The Hand Cramp of Death is here, Laura. It has come for you, and--oh! Just look at all the people you get to die in front of. Here's Jen, who will undoubtedly be emotionally scarred by the horror she is about to witness. Too bad, you get to add to whatever emotional baggage your friend already has in her life with your freakish death, the perfect capstone to a freakish life, only grosser.

Oh, and look! All of these people came to watch a concert, but what they didn't know was that they really came to watch your gruesome death. Lucky the local news is here to catch it all on film!


I showed the freakish problem to Jennifer, still shaking my hand like I was having a nervous tic, and scanned the crowd for a first aid kit. What would they do? Poke it with something? Something sharp?

Meanwhile, because there was so much going on with my finger, the digit had swollen greatly, and there was an undue amount of nerve pain caused by added pressure. But the fingertip wasn't numb, which I took as a good sign.

"It's probably just a blood vessel," Jen said. "You burst it. It won't kill you."

But the thought of my blood vessel bursting like a piece of ripe fruit hurled from a high-rise window (like on Letterman) might indeed have killed me.

See, it's all about how neurotic I am. Not enough to get committed, but just enough to make me overreact about certain social or physical things. Like something I may or may not have stood in causing me to wash the sole of my shoe with bleach for 15 minutes straight, just in case. Or my never wearing a certain pair of shoes because they had walked through God Knows What in the Canterbury West Station. Or my staring at the back of an acquaintance's head all through dinner while I tried to talk myself both out and into saying hello to them.

Neurotic.

Then, just as we reached The Loft, the pain began to fade and life started to improve for me.

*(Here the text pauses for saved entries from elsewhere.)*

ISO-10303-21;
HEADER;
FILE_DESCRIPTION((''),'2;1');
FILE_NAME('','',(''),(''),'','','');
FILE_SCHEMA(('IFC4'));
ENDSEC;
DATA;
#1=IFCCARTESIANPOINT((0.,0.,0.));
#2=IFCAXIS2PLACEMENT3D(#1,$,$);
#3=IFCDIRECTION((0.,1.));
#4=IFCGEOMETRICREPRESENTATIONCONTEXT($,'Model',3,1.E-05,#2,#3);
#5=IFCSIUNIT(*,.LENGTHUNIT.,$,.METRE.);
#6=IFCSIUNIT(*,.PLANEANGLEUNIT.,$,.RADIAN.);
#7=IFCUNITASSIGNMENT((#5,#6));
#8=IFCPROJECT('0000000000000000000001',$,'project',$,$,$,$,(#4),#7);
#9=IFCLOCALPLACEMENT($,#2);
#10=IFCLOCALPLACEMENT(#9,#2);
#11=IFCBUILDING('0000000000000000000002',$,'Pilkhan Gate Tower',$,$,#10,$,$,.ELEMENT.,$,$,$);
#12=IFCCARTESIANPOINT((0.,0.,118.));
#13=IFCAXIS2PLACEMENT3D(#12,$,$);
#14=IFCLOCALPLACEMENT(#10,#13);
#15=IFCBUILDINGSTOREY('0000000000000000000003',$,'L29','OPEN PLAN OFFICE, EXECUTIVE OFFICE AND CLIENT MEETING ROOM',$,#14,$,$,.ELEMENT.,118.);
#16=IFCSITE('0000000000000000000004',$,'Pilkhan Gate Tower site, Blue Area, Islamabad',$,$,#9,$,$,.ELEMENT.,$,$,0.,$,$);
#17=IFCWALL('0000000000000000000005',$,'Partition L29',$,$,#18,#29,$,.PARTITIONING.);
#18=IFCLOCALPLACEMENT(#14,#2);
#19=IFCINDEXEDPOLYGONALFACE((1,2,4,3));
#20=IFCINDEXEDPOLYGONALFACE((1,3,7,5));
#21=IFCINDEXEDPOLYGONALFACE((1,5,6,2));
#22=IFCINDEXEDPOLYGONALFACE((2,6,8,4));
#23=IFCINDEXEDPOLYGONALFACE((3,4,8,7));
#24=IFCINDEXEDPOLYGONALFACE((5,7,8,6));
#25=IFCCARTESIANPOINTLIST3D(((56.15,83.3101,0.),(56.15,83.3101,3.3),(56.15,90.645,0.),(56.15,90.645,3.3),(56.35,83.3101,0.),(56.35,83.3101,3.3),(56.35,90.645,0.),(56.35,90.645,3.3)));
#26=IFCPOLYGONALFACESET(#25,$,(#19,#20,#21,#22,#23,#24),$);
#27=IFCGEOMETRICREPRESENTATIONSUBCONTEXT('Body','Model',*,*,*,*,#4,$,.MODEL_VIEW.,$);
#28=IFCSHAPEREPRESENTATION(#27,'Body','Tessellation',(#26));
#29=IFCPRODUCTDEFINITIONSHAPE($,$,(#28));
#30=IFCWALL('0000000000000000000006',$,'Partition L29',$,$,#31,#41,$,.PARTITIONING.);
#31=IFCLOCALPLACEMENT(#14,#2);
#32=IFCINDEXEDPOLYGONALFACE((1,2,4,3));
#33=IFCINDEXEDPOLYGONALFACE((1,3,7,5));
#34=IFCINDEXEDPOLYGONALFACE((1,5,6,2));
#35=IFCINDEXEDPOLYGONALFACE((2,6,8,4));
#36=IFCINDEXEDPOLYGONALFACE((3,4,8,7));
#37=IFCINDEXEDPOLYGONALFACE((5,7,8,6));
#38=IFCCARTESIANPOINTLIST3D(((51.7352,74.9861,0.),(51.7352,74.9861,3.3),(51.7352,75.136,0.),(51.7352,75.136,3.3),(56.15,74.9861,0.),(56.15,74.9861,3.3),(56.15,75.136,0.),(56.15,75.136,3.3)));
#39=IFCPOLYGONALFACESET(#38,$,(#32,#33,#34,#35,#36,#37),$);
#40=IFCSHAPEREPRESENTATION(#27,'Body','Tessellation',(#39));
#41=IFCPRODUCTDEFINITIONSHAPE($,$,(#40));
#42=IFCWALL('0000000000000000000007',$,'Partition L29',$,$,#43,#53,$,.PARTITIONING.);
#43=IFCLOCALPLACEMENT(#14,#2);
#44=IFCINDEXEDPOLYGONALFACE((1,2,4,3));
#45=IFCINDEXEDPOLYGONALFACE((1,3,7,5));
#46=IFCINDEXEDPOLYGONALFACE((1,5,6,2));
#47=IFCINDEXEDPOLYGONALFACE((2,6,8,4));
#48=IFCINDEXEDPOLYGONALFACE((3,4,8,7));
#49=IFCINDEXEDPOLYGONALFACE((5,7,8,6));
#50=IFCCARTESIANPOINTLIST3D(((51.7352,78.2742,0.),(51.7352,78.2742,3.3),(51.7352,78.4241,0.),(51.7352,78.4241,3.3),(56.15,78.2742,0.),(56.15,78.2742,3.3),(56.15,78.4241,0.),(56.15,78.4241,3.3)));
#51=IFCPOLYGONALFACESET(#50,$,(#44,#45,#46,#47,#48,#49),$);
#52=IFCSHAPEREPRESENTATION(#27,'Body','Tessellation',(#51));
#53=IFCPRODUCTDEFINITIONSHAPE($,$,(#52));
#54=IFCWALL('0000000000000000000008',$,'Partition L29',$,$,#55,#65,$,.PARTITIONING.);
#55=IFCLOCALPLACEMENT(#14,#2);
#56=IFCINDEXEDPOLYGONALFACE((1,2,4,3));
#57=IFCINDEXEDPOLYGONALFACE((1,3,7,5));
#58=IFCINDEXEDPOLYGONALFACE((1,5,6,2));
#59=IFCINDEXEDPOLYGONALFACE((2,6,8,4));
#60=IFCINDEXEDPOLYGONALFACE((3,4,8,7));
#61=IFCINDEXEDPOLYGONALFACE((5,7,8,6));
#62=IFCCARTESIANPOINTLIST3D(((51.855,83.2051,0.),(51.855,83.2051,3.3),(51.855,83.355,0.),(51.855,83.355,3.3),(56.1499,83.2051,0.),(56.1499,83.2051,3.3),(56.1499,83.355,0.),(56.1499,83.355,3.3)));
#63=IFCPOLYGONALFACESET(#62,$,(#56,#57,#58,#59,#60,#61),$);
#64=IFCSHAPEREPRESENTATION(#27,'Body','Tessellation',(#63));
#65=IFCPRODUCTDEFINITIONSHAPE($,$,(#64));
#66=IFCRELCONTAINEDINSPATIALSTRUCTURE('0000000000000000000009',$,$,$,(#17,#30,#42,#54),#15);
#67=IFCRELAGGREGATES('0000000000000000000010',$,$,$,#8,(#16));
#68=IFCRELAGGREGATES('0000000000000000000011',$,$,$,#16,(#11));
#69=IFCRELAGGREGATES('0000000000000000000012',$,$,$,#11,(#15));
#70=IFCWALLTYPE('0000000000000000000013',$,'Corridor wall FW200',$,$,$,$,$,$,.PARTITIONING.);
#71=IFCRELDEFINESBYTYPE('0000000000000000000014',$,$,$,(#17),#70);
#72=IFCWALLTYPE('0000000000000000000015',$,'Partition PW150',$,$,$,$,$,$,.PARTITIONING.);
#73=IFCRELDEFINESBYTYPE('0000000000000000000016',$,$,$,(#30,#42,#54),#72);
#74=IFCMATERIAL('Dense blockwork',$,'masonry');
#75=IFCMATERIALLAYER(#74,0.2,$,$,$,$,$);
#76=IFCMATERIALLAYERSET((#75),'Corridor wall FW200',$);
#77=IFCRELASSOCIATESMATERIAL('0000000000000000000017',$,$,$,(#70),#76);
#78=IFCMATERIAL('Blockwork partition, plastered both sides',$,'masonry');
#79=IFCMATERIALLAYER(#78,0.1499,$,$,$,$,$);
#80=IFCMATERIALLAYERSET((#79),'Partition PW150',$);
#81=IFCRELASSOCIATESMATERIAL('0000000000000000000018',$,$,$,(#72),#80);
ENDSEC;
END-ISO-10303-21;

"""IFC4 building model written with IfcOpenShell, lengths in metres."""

from ifc_helpers import new_model, si_unit, direction, frame, frame_2d, origin, place, context, subcontext, project, spatial, rectangle, extrude, material, layer, layer_set, type_object, element, save


model = new_model("IFC4")

# Units and contexts
model_context = context("Model", 3, precision=1e-05, world=origin(), true_north=direction((0.0, 1.0)))
body_context = subcontext(model_context, "Body", "Model", "MODEL_VIEW")
ifc_project = project(units=[si_unit("LENGTHUNIT", "METRE"), si_unit("PLANEANGLEUNIT", "RADIAN")], contexts=[model_context])

# Site, building, storey
site_placement = place(None, origin())
site = spatial("IfcSite", under=ifc_project, at=site_placement, Name="Pilkhan Gate Tower site, Blue Area, Islamabad", CompositionType="ELEMENT", RefElevation=0.0)
building_placement = place(site_placement, origin())
building = spatial("IfcBuilding", under=site, at=building_placement, Name="Pilkhan Gate Tower", CompositionType="ELEMENT")
storey_placement = place(building_placement, frame((0.0, 0.0, 118.0)))
storey = spatial("IfcBuildingStorey", under=building, at=storey_placement, Name="L29", Description="OPEN PLAN OFFICE, EXECUTIVE OFFICE AND CLIENT MEETING ROOM", CompositionType="ELEMENT", Elevation=118.0)

# Walls
ifc_material_1 = material(Name="Dense blockwork", Category="masonry")
ifc_layer_1 = layer(ifc_material_1, 0.2)
ifc_layer_set_1 = layer_set([ifc_layer_1], Name="Corridor wall FW200")
wall_type_1 = type_object("IfcWallType", Name="Corridor wall FW200", PredefinedType="PARTITIONING", material=ifc_layer_set_1)
wall_1_placement = place(storey_placement, frame((56.25, 83.3101, 0.0), z_axis=(0.0, 0.0, 1.0), x_axis=(0.0, 1.0, 0.0)))
element("IfcWall", 1, at=wall_1_placement, inside=storey, type_object=wall_type_1, Name="Partition L29", PredefinedType="PARTITIONING", context=body_context, shape_type="SweptSolid", body=[
    extrude(rectangle(XDim=7.335, YDim=0.2, at=frame_2d((3.6675, 0.0))), origin(), (0.0, 0.0, 1.0), 3.3),
])
ifc_material_2 = material(Name="Blockwork partition, plastered both sides", Category="masonry")
ifc_layer_2 = layer(ifc_material_2, 0.1499)
ifc_layer_set_2 = layer_set([ifc_layer_2], Name="Partition PW150")
wall_type_2 = type_object("IfcWallType", Name="Partition PW150", PredefinedType="PARTITIONING", material=ifc_layer_set_2)
for number, where, z_axis, x_axis, name in (
    (2, (51.7351, 75.061, 0.0), (0.0, 0.0, 1.0), (1.0, 0.0, 0.0), "Partition L29"),
    (3, (51.7351, 78.3491, 0.0), (0.0, 0.0, 1.0), (1.0, 0.0, 0.0), "Partition L29"),
):
    element("IfcWall", number, at=place(storey_placement, frame(where, z_axis=z_axis, x_axis=x_axis)), inside=storey, type_object=wall_type_2, Name=name, PredefinedType="PARTITIONING", context=body_context, shape_type="SweptSolid", body=[
        extrude(rectangle(XDim=4.4148, YDim=0.1499, at=frame_2d((2.2075, 0.0))), origin(), (0.0, 0.0, 1.0), 3.3),
    ])
wall_2_placement = place(storey_placement, frame((51.855, 83.28, 0.0), z_axis=(0.0, 0.0, 1.0), x_axis=(1.0, 0.0, 0.0)))
element("IfcWall", 4, at=wall_2_placement, inside=storey, type_object=wall_type_2, Name="Partition L29", PredefinedType="PARTITIONING", context=body_context, shape_type="SweptSolid", body=[
    extrude(rectangle(XDim=4.2949, YDim=0.1499, at=frame_2d((2.1475, 0.0))), origin(), (0.0, 0.0, 1.0), 3.3),
])

save(model, "model.ifc")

But this morning, that whole finger is still swollen, and now it is bruised all to heck. So all in all, this weekend has kind of sucked.

2 comments:

  1. 1. I think you guys need to start calling me when you go to Fort Wayne, because this isn't the first time you've posted about going to Jefferson Pointe when I'm already in town (and looking for an excuse to get away from my family)
    2. I haven't seen you in forever, and I Ravel-messaged you a couple of days ago, in case you haven't had a chance to check it.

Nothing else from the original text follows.